Weaknesses: Alcohol, being too vocal at times, hard to get myself motivated.

Likes: Hockey, metal, Josh Homme (is GOD), socializing, partying, slurpees, alcohol, and his friends. 
Dislikes: Closed-minds, rap and country music, assholes without a purpose (as in people who are dicks and don't know when to stop being dicks), yuppies, Axl Rose, and intolerance.

History: Born in Phoenix, AZ, raised in Roselle, IL. There's not much else to tell, really. 

Clothing/Personal Style: Metal attire (hoodies, leather, ragged/ripped jeans, band tees, etc.)
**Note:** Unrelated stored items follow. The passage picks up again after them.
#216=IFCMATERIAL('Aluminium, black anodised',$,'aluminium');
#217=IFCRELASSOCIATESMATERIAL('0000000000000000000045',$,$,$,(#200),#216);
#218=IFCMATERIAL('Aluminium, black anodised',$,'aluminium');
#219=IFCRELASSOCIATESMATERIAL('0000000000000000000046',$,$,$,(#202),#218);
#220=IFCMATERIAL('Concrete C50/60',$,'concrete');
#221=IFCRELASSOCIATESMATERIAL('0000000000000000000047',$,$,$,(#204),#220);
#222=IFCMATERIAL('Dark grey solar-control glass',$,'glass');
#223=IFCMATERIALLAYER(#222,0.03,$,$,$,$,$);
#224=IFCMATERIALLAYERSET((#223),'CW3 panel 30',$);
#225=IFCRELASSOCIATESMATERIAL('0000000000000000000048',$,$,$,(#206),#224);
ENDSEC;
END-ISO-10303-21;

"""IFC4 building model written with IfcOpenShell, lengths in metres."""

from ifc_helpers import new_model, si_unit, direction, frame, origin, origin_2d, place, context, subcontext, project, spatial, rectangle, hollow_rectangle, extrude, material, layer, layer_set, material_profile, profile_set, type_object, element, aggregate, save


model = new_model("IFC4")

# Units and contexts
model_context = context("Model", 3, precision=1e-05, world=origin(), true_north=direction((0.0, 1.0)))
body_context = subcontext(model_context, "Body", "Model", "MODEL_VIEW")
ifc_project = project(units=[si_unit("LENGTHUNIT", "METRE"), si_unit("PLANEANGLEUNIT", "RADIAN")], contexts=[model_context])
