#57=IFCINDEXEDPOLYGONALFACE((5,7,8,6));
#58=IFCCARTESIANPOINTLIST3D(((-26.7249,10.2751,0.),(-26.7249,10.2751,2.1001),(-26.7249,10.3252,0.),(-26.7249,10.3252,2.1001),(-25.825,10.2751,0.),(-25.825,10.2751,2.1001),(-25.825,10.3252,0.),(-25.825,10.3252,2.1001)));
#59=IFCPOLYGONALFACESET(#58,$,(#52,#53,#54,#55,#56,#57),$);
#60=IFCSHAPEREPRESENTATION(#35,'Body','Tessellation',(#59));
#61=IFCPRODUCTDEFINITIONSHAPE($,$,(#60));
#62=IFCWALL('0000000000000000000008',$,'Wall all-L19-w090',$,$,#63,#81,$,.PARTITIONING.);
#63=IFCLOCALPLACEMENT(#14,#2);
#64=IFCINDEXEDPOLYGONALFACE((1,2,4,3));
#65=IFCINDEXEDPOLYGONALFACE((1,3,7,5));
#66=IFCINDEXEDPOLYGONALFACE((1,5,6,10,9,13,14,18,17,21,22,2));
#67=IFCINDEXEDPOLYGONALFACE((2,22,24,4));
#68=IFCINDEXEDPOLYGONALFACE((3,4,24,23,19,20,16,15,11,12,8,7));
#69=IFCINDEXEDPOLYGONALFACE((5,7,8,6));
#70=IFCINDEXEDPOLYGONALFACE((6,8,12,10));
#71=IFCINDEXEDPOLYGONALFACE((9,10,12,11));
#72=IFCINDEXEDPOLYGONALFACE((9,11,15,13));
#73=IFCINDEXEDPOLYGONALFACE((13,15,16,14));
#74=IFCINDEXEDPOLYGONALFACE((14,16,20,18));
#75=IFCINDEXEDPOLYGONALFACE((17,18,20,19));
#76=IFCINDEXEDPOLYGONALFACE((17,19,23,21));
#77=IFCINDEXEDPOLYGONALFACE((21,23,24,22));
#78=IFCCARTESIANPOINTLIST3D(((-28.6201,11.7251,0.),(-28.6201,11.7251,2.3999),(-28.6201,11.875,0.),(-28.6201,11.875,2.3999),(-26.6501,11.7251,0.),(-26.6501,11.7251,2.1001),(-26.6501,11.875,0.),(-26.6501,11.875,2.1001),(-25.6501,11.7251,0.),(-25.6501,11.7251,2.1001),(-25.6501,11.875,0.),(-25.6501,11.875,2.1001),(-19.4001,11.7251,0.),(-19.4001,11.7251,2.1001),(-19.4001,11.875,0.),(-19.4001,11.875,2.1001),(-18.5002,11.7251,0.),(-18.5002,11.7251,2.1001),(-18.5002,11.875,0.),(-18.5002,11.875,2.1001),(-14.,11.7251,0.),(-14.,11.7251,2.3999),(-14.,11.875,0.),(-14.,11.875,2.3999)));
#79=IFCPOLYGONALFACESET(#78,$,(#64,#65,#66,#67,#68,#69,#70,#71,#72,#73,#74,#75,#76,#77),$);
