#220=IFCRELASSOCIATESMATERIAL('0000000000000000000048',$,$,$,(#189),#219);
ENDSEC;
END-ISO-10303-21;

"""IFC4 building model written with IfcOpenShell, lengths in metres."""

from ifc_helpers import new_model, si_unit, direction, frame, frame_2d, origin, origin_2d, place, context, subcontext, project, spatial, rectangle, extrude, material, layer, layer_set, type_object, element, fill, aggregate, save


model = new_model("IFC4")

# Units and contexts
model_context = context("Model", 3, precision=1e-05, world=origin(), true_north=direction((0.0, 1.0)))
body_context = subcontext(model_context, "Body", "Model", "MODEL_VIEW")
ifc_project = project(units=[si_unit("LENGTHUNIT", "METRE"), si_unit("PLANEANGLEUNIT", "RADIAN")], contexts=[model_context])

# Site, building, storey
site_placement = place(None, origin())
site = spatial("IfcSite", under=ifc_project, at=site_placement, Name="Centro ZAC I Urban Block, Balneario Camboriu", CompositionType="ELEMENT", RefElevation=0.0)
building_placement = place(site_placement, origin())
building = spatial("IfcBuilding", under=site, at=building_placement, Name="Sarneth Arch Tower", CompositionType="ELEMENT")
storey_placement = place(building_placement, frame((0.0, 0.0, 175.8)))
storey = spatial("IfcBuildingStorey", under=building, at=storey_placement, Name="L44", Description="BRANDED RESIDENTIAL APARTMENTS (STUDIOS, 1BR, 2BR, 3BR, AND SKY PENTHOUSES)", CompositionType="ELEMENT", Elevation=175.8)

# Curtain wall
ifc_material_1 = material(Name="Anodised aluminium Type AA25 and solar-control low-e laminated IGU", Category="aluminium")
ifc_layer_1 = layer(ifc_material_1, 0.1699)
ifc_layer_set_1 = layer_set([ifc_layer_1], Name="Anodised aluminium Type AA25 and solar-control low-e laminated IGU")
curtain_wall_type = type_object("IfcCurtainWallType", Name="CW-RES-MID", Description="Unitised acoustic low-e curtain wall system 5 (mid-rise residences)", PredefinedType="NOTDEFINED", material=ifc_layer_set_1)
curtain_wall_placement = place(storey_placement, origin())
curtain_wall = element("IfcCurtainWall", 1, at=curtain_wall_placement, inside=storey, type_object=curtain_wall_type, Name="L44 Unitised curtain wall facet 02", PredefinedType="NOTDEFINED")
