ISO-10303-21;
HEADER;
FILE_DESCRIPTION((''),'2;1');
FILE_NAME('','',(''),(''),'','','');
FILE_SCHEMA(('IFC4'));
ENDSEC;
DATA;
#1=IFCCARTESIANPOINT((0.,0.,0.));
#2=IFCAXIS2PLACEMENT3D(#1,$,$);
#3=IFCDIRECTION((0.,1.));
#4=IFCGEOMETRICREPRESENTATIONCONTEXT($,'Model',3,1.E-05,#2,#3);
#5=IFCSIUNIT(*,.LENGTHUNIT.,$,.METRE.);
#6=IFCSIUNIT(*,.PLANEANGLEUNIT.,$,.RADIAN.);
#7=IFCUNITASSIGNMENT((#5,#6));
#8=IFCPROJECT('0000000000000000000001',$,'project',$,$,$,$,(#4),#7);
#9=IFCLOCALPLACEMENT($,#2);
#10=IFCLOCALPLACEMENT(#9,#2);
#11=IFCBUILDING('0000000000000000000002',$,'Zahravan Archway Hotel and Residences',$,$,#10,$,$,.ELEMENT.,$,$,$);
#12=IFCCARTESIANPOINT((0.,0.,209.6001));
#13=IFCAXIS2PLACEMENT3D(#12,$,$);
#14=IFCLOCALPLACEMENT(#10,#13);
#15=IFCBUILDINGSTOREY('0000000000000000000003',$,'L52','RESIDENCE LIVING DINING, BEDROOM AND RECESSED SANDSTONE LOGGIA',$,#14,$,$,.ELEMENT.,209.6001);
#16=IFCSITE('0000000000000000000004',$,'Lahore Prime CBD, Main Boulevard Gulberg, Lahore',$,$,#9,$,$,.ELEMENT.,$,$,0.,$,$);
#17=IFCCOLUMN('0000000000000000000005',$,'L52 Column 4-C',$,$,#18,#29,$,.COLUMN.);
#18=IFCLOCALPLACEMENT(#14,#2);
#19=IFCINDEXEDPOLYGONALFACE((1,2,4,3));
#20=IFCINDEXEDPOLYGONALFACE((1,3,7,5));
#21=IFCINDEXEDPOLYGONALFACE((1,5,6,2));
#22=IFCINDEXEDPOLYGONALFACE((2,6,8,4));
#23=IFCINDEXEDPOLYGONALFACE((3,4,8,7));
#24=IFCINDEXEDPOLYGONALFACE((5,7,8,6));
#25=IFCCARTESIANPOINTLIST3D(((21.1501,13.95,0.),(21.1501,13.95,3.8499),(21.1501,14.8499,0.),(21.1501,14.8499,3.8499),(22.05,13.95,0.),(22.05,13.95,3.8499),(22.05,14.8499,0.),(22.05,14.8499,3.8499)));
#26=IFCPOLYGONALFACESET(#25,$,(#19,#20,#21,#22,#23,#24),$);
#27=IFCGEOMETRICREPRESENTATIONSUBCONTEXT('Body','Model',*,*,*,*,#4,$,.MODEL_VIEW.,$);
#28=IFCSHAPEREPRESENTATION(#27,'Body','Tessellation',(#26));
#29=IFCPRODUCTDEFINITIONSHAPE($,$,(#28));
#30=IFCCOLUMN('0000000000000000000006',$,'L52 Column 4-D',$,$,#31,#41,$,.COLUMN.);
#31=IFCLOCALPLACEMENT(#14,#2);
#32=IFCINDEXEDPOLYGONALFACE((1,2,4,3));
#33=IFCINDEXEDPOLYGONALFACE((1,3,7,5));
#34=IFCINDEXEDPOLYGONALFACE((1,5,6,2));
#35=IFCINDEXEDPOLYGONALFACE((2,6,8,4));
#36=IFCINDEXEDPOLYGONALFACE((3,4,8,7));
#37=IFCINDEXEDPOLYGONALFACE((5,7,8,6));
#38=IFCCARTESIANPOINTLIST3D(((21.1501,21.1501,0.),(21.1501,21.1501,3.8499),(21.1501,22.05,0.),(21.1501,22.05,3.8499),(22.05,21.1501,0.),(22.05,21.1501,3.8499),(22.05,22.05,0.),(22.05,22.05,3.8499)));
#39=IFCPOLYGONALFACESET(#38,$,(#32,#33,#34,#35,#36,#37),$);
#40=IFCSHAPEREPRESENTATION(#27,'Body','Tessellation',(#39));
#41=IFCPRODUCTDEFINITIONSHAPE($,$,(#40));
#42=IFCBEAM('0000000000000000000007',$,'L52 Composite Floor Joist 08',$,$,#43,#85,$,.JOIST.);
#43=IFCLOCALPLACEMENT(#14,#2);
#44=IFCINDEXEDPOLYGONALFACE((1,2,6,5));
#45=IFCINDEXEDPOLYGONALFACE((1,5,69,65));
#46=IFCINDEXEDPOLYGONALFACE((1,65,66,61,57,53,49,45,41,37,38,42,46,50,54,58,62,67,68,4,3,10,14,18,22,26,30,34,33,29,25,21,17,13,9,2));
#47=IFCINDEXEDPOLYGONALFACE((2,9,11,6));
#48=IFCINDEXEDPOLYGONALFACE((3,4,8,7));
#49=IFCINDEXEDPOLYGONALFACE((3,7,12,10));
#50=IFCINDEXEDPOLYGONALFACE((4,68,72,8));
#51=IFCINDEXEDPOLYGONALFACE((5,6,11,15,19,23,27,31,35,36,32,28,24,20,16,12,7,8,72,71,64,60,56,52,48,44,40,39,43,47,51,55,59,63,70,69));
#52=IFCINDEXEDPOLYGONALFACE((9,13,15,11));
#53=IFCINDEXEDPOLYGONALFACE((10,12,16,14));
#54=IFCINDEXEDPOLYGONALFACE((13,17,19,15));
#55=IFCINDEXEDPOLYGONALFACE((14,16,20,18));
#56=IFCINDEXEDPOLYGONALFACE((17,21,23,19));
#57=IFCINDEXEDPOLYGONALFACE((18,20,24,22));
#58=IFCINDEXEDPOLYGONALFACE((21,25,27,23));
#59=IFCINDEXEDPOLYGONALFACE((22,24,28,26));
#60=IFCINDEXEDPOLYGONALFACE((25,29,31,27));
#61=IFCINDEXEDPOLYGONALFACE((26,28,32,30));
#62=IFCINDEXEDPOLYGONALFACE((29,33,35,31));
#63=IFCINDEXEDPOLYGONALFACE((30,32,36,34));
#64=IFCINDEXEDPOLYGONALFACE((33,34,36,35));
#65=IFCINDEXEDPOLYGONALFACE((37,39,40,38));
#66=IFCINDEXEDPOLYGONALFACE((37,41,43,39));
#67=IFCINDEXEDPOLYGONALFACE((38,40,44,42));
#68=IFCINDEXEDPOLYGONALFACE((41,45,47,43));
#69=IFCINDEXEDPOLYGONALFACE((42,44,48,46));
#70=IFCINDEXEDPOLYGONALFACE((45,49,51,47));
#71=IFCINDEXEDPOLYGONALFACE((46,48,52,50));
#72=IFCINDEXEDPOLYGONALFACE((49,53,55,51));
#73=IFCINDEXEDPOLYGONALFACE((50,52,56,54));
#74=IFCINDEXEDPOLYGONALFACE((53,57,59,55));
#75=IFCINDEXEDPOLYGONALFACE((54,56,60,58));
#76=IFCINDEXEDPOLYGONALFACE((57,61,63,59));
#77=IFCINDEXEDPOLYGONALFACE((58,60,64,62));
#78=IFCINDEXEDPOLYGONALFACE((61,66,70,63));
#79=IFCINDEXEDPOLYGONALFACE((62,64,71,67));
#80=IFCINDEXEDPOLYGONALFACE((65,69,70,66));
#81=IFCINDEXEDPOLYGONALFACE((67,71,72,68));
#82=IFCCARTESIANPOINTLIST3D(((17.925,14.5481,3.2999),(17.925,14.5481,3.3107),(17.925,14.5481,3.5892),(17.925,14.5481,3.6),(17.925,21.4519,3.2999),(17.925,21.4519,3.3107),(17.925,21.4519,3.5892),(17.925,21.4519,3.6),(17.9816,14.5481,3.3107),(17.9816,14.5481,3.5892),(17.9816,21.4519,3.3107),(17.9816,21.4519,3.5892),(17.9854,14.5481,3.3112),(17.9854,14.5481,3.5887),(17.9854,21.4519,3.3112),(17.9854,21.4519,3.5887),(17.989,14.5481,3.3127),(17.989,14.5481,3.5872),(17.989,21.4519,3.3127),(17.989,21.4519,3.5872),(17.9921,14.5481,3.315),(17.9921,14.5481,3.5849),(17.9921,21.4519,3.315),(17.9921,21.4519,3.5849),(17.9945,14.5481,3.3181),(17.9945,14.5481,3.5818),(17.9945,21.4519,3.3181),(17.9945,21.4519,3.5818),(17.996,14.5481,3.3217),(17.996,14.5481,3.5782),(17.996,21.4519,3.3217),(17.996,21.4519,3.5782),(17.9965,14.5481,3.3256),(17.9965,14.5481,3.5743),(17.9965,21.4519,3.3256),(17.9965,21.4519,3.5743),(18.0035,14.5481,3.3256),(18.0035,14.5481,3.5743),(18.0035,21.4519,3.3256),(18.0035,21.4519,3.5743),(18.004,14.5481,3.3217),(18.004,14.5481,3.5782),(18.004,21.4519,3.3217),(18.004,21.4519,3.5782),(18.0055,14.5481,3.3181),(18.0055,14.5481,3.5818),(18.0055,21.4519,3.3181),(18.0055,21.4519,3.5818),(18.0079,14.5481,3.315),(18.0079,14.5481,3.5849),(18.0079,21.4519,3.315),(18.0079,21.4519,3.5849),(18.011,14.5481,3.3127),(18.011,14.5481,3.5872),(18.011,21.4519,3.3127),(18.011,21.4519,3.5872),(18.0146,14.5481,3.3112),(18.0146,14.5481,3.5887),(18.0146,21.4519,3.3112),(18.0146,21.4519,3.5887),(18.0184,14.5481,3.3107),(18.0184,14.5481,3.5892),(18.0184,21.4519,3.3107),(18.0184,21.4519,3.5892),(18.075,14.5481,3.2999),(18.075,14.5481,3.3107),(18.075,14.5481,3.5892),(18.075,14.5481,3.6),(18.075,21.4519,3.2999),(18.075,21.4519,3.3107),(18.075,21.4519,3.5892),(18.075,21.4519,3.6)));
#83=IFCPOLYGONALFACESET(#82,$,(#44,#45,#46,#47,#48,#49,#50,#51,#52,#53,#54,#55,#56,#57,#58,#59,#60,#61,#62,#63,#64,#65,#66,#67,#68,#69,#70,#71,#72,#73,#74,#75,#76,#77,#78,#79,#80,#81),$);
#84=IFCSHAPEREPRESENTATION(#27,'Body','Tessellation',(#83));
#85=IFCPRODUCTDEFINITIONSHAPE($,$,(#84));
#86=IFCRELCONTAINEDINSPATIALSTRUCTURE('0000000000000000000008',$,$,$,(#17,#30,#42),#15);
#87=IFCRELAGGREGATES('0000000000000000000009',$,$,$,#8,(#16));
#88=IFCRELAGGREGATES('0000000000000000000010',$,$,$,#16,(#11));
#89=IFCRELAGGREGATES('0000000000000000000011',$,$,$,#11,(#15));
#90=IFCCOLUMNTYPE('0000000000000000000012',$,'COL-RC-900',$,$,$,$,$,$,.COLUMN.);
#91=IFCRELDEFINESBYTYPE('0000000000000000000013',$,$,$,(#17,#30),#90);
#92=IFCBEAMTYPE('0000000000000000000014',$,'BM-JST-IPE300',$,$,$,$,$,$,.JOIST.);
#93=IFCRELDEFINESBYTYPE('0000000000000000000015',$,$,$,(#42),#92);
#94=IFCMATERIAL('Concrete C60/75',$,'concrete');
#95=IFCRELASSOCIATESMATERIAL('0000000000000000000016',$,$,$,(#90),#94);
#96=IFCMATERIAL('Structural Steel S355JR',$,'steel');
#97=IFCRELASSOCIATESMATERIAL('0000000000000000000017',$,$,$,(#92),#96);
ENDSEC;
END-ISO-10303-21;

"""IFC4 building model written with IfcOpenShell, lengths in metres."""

from ifc_helpers import new_model, si_unit, direction, frame, origin, origin_2d, place, context, subcontext, project, spatial, rectangle, i_section, extrude, source, transform, mapped, material, material_profile, profile_set, type_object, element, save


model = new_model("IFC4")

# Units and contexts
model_context = context("Model", 3, precision=1e-05, world=origin(), true_north=direction((0.0, 1.0)))
body_context = subcontext(model_context, "Body", "Model", "MODEL_VIEW")
ifc_project = project(units=[si_unit("LENGTHUNIT", "METRE"), si_unit("PLANEANGLEUNIT", "RADIAN")], contexts=[model_context])

# Site, building, storey
site_placement = place(None, origin())
site = spatial("IfcSite", under=ifc_project, at=site_placement, Name="Lahore Prime CBD, Main Boulevard Gulberg, Lahore", CompositionType="ELEMENT", RefElevation=0.0)
building_placement = place(site_placement, origin())
building = spatial("IfcBuilding", under=site, at=building_placement, Name="Zahravan Archway Hotel and Residences", CompositionType="ELEMENT")
storey_placement = place(building_placement, frame((0.0, 0.0, 209.6001)))
storey = spatial("IfcBuildingStorey", under=building, at=storey_placement, Name="L52", Description="RESIDENCE LIVING DINING, BEDROOM AND RECESSED SANDSTONE LOGGIA", CompositionType="ELEMENT", Elevation=209.6001)

# Columns
ifc_material_1 = material(Name="Concrete C60/75", Category="concrete")
ifc_material_profile_1 = material_profile(ifc_material_1, rectangle(XDim=0.8999, YDim=0.8999, at=origin_2d()), Name="RC-COL-900x900", Category="concrete")
ifc_profile_set_1 = profile_set([ifc_material_profile_1], Name="Concrete C60/75")
column_type = type_object("IfcColumnType", Name="COL-RC-900", PredefinedType="COLUMN", material=ifc_profile_set_1)
shared_shape_1 = source(origin(), body_context, "Body", "SweptSolid", [
    extrude(rectangle(XDim=0.8999, YDim=0.8999, at=origin_2d()), origin(), (0.0, 0.0, 1.0), 3.8499),
])
for number, where, z_axis, x_axis, name in (
    (1, (21.6001, 14.3999, 0.0), (0.0, 0.0, 1.0), (1.0, 0.0, 0.0), "L52 Column 4-C"),
    (2, (21.6001, 21.6001, 0.0), (0.0, 0.0, 1.0), (1.0, 0.0, 0.0), "L52 Column 4-D"),
):
    element("IfcColumn", number, at=place(storey_placement, frame(where, z_axis=z_axis, x_axis=x_axis)), inside=storey, type_object=column_type, Name=name, PredefinedType="COLUMN", context=body_context, shape_type="MappedRepresentation", body=[
        mapped(shared_shape_1, transform((0.0, 0.0, 0.0), scale=1.0)),
    ])

# Beam
ifc_material_2 = material(Name="Structural Steel S355JR", Category="steel")
ifc_material_profile_2 = material_profile(ifc_material_2, i_section(OverallWidth=0.1499, OverallDepth=0.3, WebThickness=0.0071, FlangeThickness=0.0107, FilletRadius=0.0149, at=origin_2d()), Name="IPE 300", Category="steel")
ifc_profile_set_2 = profile_set([ifc_material_profile_2], Name="Structural Steel S355JR")
beam_type = type_object("IfcBeamType", Name="BM-JST-IPE300", PredefinedType="JOIST", material=ifc_profile_set_2)
shared_shape_2 = source(origin(), body_context, "Body", "SweptSolid", [
    extrude(i_section(OverallWidth=0.1499, OverallDepth=0.3, WebThickness=0.0071, FlangeThickness=0.0107, FilletRadius=0.0149, at=origin_2d()), origin(), (0.0, 0.0, 1.0), 6.9038),
])
beam_placement = place(storey_placement, frame((18.0, 14.5481, 3.45), z_axis=(0.0, 1.0, 0.0), x_axis=(-1.0, 0.0, 0.0)))
element("IfcBeam", 3, at=beam_placement, inside=storey, type_object=beam_type, Name="L52 Composite Floor Joist 08", PredefinedType="JOIST", context=body_context, shape_type="MappedRepresentation", body=[
    mapped(shared_shape_2, transform((0.0, 0.0, 0.0), scale=1.0)),
])

save(model, "model.ifc")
Goal: To get drunk as much as possible without killing myself.
Profession: Walgreens' Service Clerk
Personal quote: "What Happened?"
Theme song: "Feel Good Hit of the Summer" - Queens of the Stone Age /OR/ "Echos" - The Absence.
Birthdate: 8/27/1991
Star sign: Virgo

Favorite food: Hot wings
Favorite drink: Skyy Vodka
Favorite location: My friend's garage (the ultimate hang-out base)
Favorite weather: Overcast and breezy, but no rain.
Favorite color: Orange <3

Least liked food: Mushrooms
Least liked drink: Busch Light
Least liked location: Airborne or in Philadelphia.
Least liked weather: Tsunami

Favorite person: Josh Homme/ my friends
Least liked person: Axl Rose
Friends: Nick, Caleb, Rawrsome_Wolf, Ahkmill, Marodi, amongst others.
Enemies: Anyone who touches my tail without my permission.
Significant other: Nick, my boyfriend. <3333


----------



## xXFORERUNNERXx (Aug 30, 2009)

cool


----------



## Duality Jack (Aug 30, 2009)

neat-o


----------



## Vatz (Sep 6, 2009)

Nice.


----------



## Takun (Sep 6, 2009)

Missing out on the rap musics broski. Stop being so close-minded ;3


----------



## Vatz (Sep 6, 2009)

Takumi_L said:


> Missing out on the rap musics broski. Stop being so close-minded ;3


 
Rap is not music--it is random words.

Although I will admit it is usually easier to understand than "normal" music. I actually find _some_ rap okay...


----------



## Ash-Fox (Sep 6, 2009)

Hitman344 said:


> Profession: College student


Woha, you get paid to be a college student, to have it as a job :O


----------



## KaiFox (Sep 24, 2009)

Takumi_L said:


> Missing out on the rap musics broski. Stop being so close-minded ;3


 
But I don't like the rap as much. lol



Ash-Fox said:


> Woha, you get paid to be a college student, to have it as a job :O


 
Well, what else would I have put there?

Besides, updated.


----------



## Lasair (Sep 26, 2009)

very nice mate.
oh and Josh Homme isnt just god.

He is GREATER than god!
QOTSA rule ^_^


----------



## russetwolf13 (Sep 27, 2009)

Vatz said:


> Rap is not music--it is random words.
> 
> Although I will admit it is usually easier to understand than "normal" music. I actually find _some_ rap okay...



Rap is older than the hills. Shakespeare is in iambic pentameter after all.


----------



## Ibuuyk (Sep 27, 2009)

Nice fursona dude


----------